ESTABELECIMENTOS HOTELEIROS, RESTAURANTES E AFINS - Admite-se que seja computado como custo ou despesa operacional, o valor de aquisição de guarnições de cama, mesa, banho e louça, utilizados por empresas que exploram serviços de hotelaria, restaurantes e atividades similares.
TAXA REFERENCIAL DIÁRIA - TRD - Incabível a cobrança da Taxa Referencial Diária - TRD, a título de indexador do crédito tributário ou a título de juros moratórios, no período de fevereiro a julho de 1991, face o que determina a Lei nº 8.218/91.

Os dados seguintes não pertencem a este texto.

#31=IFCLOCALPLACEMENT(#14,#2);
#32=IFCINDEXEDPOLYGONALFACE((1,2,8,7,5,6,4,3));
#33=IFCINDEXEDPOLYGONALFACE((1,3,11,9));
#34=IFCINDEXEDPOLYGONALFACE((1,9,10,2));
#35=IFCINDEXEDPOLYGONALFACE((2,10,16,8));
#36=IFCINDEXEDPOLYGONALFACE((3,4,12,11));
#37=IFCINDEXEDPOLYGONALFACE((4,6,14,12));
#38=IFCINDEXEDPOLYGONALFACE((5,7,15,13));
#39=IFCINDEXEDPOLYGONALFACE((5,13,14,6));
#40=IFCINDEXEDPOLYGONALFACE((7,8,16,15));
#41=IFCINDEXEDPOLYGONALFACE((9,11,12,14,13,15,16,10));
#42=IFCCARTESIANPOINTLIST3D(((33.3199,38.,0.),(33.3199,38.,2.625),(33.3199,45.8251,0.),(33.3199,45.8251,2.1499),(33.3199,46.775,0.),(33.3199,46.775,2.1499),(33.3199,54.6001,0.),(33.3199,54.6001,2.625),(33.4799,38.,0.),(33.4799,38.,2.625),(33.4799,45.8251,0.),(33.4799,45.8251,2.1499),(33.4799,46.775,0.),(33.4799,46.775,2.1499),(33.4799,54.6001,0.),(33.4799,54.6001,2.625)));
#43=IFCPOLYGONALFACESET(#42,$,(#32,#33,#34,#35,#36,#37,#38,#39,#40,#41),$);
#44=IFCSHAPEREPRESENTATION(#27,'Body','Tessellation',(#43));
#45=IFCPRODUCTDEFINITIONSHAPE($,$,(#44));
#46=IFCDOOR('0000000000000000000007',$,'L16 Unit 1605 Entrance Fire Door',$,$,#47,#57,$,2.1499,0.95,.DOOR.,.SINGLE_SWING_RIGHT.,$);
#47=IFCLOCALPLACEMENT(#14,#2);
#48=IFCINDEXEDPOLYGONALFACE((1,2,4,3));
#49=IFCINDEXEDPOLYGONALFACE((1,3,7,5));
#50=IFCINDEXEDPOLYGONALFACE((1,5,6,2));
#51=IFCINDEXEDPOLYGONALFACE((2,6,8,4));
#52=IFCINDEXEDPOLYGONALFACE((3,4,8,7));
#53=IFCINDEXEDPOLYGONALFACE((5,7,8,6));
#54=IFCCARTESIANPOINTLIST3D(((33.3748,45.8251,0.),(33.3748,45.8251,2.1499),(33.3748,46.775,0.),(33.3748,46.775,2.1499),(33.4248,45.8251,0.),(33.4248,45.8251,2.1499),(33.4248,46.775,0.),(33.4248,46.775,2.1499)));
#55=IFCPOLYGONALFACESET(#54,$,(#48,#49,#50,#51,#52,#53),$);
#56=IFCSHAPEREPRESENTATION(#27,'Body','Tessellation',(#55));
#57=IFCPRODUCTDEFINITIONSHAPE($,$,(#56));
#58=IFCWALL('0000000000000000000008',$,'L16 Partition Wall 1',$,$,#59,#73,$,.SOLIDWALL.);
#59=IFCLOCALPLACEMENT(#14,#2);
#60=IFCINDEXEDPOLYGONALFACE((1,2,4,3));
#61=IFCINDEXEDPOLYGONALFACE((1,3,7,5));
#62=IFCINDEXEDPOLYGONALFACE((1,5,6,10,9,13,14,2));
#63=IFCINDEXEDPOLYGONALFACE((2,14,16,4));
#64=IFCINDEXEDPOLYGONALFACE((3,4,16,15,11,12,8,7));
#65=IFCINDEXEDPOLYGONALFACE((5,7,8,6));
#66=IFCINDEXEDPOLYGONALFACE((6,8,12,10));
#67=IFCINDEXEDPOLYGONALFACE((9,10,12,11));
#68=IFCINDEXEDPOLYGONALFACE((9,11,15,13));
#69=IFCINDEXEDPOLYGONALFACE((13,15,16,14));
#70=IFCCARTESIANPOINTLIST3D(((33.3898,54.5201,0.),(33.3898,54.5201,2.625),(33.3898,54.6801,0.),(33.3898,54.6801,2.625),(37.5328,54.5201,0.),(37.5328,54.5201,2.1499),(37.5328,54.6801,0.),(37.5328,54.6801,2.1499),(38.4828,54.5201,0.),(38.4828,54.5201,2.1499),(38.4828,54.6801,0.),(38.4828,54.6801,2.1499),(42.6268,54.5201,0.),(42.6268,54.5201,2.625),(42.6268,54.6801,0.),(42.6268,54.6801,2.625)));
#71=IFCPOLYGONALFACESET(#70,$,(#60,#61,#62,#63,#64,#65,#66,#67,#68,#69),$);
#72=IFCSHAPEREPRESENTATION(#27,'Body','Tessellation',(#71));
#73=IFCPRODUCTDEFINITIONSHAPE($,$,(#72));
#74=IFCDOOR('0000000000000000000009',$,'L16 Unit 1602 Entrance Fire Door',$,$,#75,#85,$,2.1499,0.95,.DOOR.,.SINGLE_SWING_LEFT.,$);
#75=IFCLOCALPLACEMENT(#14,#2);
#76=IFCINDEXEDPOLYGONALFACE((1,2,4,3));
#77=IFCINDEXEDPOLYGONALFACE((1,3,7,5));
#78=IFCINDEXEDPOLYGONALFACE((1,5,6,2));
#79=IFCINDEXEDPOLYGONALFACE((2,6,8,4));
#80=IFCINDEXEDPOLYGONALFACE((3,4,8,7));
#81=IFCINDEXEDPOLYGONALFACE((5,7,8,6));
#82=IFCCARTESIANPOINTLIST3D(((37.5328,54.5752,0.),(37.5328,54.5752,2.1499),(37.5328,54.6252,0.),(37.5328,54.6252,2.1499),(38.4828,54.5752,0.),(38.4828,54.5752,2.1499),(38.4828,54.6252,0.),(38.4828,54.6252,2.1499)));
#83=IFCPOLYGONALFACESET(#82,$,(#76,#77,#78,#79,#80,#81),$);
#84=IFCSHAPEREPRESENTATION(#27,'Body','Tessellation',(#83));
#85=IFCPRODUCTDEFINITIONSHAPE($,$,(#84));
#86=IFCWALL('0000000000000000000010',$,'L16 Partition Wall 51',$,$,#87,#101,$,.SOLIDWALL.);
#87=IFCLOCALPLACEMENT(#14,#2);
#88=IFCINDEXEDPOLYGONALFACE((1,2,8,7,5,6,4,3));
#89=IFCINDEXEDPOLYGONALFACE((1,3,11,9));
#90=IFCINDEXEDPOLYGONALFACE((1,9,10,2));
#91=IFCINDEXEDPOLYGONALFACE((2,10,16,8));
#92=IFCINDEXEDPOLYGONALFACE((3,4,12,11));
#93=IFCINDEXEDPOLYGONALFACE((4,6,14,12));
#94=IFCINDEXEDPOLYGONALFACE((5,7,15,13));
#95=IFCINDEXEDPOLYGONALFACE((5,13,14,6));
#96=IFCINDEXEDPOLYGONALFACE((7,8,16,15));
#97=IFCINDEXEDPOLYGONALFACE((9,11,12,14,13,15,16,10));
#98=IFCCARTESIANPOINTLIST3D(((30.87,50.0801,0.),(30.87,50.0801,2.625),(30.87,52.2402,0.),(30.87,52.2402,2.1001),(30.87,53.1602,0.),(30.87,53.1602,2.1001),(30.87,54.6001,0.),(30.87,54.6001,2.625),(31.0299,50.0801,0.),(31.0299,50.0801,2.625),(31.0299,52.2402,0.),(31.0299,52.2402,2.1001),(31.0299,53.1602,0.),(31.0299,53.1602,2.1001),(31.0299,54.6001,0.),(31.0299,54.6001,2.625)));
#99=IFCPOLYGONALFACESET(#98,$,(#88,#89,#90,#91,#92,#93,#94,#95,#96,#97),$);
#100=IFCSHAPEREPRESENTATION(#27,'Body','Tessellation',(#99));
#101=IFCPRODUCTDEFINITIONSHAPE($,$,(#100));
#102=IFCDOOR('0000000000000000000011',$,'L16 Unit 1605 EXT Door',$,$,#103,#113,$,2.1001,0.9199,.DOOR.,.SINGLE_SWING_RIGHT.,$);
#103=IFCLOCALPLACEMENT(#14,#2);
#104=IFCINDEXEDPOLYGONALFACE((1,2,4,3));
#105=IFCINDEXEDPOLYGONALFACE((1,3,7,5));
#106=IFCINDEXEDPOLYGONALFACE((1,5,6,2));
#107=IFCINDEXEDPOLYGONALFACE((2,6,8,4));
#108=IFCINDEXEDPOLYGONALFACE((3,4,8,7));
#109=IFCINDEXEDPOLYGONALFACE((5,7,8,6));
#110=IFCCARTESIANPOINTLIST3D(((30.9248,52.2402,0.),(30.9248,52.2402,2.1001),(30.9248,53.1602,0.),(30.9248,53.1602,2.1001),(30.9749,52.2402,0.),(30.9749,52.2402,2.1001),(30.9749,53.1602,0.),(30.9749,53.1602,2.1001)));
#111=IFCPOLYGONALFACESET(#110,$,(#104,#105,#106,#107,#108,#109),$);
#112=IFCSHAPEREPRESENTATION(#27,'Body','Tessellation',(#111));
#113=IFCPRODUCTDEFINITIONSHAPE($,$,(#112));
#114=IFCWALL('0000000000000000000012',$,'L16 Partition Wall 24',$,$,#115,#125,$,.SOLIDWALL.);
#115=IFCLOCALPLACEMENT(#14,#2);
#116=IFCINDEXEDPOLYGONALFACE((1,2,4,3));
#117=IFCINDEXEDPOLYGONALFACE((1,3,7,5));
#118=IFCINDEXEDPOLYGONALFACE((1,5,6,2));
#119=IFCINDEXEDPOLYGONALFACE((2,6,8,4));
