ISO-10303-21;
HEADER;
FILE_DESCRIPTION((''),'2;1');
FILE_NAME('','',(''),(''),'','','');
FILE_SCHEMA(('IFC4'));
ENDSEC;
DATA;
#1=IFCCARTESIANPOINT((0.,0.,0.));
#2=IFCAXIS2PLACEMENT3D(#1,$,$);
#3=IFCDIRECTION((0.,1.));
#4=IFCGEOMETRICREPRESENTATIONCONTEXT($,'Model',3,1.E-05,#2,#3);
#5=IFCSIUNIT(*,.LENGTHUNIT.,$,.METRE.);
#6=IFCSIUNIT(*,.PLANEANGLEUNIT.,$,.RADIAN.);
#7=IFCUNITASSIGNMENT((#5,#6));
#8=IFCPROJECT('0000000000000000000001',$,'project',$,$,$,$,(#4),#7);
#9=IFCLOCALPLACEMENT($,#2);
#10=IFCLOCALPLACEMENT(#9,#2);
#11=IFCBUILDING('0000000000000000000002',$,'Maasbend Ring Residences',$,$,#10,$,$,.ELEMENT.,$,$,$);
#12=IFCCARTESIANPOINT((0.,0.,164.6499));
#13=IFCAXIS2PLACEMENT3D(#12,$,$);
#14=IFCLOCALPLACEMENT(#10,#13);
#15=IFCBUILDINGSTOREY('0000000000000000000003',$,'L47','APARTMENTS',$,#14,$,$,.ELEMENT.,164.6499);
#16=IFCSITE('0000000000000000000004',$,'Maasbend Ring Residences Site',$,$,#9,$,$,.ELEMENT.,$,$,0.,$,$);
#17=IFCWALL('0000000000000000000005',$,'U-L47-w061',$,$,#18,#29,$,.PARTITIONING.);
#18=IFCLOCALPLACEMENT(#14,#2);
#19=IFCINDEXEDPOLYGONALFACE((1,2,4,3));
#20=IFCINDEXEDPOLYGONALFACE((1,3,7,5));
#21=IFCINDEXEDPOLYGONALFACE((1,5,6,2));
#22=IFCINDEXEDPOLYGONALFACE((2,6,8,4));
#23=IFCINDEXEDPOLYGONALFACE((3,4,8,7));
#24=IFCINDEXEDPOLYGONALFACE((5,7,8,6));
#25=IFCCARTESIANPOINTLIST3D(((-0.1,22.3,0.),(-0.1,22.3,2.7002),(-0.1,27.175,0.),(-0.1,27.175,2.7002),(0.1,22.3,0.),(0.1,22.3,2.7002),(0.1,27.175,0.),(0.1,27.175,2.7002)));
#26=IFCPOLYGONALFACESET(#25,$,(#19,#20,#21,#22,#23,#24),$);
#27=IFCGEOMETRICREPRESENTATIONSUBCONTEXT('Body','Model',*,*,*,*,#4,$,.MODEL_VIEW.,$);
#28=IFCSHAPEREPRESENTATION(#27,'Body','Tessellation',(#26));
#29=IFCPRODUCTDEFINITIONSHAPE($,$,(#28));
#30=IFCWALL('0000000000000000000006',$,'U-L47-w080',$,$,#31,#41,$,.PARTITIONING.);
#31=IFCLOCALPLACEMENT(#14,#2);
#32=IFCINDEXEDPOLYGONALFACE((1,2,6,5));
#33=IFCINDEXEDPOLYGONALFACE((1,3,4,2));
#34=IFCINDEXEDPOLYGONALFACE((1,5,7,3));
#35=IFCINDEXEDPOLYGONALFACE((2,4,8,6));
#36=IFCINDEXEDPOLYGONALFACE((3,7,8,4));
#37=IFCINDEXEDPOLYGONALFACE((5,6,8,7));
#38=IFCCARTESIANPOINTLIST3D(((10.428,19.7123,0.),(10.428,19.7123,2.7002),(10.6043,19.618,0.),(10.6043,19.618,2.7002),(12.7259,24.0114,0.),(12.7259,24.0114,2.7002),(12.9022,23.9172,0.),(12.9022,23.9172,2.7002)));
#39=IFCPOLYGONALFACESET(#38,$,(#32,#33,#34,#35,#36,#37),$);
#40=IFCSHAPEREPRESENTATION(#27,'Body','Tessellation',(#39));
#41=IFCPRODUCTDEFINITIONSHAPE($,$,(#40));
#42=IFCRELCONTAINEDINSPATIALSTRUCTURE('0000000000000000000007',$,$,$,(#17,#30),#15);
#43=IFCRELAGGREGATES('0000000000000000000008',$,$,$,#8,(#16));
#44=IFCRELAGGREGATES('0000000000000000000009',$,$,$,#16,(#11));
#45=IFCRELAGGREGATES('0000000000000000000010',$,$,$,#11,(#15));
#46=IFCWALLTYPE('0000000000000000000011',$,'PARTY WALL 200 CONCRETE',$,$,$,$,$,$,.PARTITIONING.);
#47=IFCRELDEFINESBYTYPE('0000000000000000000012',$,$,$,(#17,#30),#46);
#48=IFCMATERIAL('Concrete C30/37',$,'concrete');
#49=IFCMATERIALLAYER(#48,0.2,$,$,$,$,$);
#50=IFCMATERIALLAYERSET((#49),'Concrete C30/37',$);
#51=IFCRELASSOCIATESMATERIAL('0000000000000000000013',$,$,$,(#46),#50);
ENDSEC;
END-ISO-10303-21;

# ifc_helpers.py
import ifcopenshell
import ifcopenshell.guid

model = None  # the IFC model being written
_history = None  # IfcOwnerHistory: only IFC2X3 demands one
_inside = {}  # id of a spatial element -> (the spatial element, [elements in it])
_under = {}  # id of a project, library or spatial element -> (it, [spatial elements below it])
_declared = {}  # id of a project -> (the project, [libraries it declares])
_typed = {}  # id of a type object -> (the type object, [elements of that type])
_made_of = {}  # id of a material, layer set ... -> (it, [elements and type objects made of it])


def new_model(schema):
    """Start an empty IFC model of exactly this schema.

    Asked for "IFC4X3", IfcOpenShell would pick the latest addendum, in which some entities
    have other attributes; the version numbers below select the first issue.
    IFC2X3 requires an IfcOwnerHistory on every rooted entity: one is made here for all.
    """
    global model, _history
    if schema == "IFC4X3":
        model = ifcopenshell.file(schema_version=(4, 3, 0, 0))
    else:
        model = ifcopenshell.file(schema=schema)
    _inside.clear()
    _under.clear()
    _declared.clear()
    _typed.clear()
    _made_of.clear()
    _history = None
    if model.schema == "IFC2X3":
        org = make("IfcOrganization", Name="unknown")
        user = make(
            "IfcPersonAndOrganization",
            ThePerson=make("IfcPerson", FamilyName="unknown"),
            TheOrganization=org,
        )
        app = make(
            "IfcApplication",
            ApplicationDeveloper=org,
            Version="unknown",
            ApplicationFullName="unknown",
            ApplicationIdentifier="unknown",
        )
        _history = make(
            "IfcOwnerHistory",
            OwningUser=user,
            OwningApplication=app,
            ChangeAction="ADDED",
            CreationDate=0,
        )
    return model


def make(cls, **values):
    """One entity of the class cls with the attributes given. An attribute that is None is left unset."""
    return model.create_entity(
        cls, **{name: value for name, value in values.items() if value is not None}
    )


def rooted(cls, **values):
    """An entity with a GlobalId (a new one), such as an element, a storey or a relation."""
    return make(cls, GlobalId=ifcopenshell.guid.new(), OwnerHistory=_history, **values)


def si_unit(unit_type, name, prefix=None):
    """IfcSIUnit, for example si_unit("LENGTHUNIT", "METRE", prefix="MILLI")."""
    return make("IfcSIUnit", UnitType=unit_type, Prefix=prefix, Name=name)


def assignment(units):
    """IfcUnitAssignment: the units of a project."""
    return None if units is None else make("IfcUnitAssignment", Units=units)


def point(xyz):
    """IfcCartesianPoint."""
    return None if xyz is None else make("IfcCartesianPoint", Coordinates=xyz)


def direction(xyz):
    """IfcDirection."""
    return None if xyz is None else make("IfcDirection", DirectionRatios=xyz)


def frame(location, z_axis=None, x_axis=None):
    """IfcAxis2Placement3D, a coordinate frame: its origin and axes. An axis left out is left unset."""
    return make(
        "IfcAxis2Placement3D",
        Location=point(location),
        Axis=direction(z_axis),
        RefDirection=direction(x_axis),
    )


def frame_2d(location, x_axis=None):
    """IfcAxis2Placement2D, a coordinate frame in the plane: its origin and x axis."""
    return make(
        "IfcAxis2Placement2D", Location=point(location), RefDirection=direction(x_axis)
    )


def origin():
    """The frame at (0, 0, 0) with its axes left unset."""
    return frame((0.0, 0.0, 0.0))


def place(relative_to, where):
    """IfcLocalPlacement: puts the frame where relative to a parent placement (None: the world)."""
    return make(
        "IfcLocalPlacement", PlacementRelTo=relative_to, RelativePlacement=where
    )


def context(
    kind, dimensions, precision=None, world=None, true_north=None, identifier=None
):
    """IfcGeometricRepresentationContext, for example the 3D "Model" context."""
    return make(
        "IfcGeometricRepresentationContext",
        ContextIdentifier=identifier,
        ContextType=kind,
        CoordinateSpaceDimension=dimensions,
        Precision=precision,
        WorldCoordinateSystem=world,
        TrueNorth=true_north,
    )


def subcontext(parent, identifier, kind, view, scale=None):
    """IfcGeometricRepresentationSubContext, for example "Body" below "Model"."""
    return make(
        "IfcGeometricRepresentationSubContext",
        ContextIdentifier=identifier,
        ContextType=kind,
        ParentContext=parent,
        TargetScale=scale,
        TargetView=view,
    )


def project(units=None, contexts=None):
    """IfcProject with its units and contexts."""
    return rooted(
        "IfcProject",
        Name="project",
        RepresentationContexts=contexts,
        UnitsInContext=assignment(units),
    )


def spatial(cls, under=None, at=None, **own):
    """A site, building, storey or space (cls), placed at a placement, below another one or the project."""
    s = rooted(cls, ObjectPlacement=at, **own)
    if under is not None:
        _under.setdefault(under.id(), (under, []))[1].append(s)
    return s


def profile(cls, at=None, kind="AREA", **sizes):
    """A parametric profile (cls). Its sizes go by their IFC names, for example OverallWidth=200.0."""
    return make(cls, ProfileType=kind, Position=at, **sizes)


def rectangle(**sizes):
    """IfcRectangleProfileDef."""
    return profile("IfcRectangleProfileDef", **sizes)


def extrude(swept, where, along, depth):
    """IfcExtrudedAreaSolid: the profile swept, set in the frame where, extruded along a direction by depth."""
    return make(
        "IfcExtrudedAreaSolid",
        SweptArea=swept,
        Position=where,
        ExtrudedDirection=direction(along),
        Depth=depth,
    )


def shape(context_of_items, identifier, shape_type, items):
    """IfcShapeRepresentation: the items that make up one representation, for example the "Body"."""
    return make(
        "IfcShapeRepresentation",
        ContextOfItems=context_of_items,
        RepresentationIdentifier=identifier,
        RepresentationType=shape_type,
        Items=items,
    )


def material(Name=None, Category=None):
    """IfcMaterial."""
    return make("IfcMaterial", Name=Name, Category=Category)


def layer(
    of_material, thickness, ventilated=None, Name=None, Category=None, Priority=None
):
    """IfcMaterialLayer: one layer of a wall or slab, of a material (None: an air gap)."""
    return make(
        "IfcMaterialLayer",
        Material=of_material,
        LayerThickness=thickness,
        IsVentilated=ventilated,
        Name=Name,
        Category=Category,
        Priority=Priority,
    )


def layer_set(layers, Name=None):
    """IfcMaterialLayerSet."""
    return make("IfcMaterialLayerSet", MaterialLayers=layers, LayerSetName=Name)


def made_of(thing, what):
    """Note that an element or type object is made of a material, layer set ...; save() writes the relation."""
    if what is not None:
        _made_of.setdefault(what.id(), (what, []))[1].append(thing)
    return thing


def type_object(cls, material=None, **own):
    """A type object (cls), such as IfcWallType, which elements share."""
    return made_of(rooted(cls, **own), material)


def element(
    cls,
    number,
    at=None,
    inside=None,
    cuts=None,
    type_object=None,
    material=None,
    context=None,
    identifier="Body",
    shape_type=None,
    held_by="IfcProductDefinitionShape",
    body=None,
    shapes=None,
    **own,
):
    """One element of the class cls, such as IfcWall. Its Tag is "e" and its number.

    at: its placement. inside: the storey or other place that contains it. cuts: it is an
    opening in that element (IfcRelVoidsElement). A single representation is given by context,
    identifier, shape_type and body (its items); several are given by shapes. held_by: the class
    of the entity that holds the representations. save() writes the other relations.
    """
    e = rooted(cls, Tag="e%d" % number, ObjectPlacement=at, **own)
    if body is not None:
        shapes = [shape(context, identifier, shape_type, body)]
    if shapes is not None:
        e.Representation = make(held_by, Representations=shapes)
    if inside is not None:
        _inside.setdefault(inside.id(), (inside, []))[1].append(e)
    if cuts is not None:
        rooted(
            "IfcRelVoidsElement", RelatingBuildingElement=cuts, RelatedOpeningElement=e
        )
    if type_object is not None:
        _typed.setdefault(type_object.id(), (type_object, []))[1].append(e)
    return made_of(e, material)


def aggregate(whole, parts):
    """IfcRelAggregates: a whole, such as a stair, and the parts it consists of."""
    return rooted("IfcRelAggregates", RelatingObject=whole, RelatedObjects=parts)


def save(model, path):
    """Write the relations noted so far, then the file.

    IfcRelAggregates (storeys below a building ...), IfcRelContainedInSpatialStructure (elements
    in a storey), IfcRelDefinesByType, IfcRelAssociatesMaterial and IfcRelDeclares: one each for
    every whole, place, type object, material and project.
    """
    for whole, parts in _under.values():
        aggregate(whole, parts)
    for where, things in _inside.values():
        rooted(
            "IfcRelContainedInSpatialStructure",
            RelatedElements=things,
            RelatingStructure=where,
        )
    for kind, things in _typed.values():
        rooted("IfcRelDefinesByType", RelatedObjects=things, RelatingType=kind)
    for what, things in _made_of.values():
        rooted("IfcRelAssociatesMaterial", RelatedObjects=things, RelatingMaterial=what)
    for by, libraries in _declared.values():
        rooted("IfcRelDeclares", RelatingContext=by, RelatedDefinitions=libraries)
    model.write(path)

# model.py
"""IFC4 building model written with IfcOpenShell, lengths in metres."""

from ifc_helpers import new_model, si_unit, direction, frame, frame_2d, origin, place, context, subcontext, project, spatial, rectangle, extrude, material, layer, layer_set, type_object, element, save


model = new_model("IFC4")

# Units and contexts
model_context = context("Model", 3, precision=1e-05, world=origin(), true_north=direction((0.0, 1.0)))
body_context = subcontext(model_context, "Body", "Model", "MODEL_VIEW")
ifc_project = project(units=[si_unit("LENGTHUNIT", "METRE"), si_unit("PLANEANGLEUNIT", "RADIAN")], contexts=[model_context])

# Site, building, storey
site_placement = place(None, origin())
site = spatial("IfcSite", under=ifc_project, at=site_placement, Name="Maasbend Ring Residences Site", CompositionType="ELEMENT", RefElevation=0.0)
building_placement = place(site_placement, origin())
building = spatial("IfcBuilding", under=site, at=building_placement, Name="Maasbend Ring Residences", CompositionType="ELEMENT")
storey_placement = place(building_placement, frame((0.0, 0.0, 164.6499)))
storey = spatial("IfcBuildingStorey", under=building, at=storey_placement, Name="L47", Description="APARTMENTS", CompositionType="ELEMENT", Elevation=164.6499)

# Walls
ifc_material_1 = material(Name="Concrete C30/37", Category="concrete")
ifc_layer_1 = layer(ifc_material_1, 0.2)
ifc_layer_set_1 = layer_set([ifc_layer_1], Name="Concrete C30/37")
wall_type_1 = type_object("IfcWallType", Name="PARTY WALL 200 CONCRETE", PredefinedType="PARTITIONING", material=ifc_layer_set_1)
wall_1_placement = place(storey_placement, frame((0.0, 22.3, 0.0), z_axis=(0.0, 0.0, 1.0), x_axis=(0.0, 1.0, 0.0)))
element("IfcWall", 1, at=wall_1_placement, inside=storey, type_object=wall_type_1, Name="U-L47-w061", PredefinedType="PARTITIONING", context=body_context, shape_type="SweptSolid", body=[
    extrude(rectangle(XDim=4.875, YDim=0.2, at=frame_2d((2.4375, 0.0))), origin(), (0.0, 0.0, 1.0), 2.7002),
])
wall_2_placement = place(storey_placement, frame((10.5161, 19.665, 0.0), z_axis=(0.0, 0.0, 1.0), x_axis=(0.471389, 0.881926, 0.0)))
element("IfcWall", 2, at=wall_2_placement, inside=storey, type_object=wall_type_1, Name="U-L47-w080", PredefinedType="PARTITIONING", context=body_context, shape_type="SweptSolid", body=[
    extrude(rectangle(XDim=4.8748, YDim=0.2, at=frame_2d((2.4375, 0.0))), origin(), (0.0, 0.0, 1.0), 2.7002),
])

save(model, "model.ifc")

Recurso parcialmente provido.
(DOU - 19/09/97)
Numero da decisão: 103-18372
Decisão: POR MAIORIA DE VOTOS, DAR PROVIMENTO PARCIAL AO RECURSO PARA EXCLUIR DA TRIBUTAÇÃO A IMPORTÂNCIA DE NCz$ ...., BEM COMO EXCLUIR A INCIDÊNCIA DA TRD NO PERÍODO DE FEVEREIRO A JULHO DE 1991. VENCIDOS OS CONSELHEIROS MÁRCIO MACHADO CALDEIRA E VICTOR LUÍS DE SALLES FREIRE QUE PROVIAM O RECURSO INTEGRALMENTE. A RECORRENTE FOI DEFENDIDA PELO DR. BRÁZ JANUÁRIO PINTO, INSCRIÇÃO OAB/DF Nº 9.819.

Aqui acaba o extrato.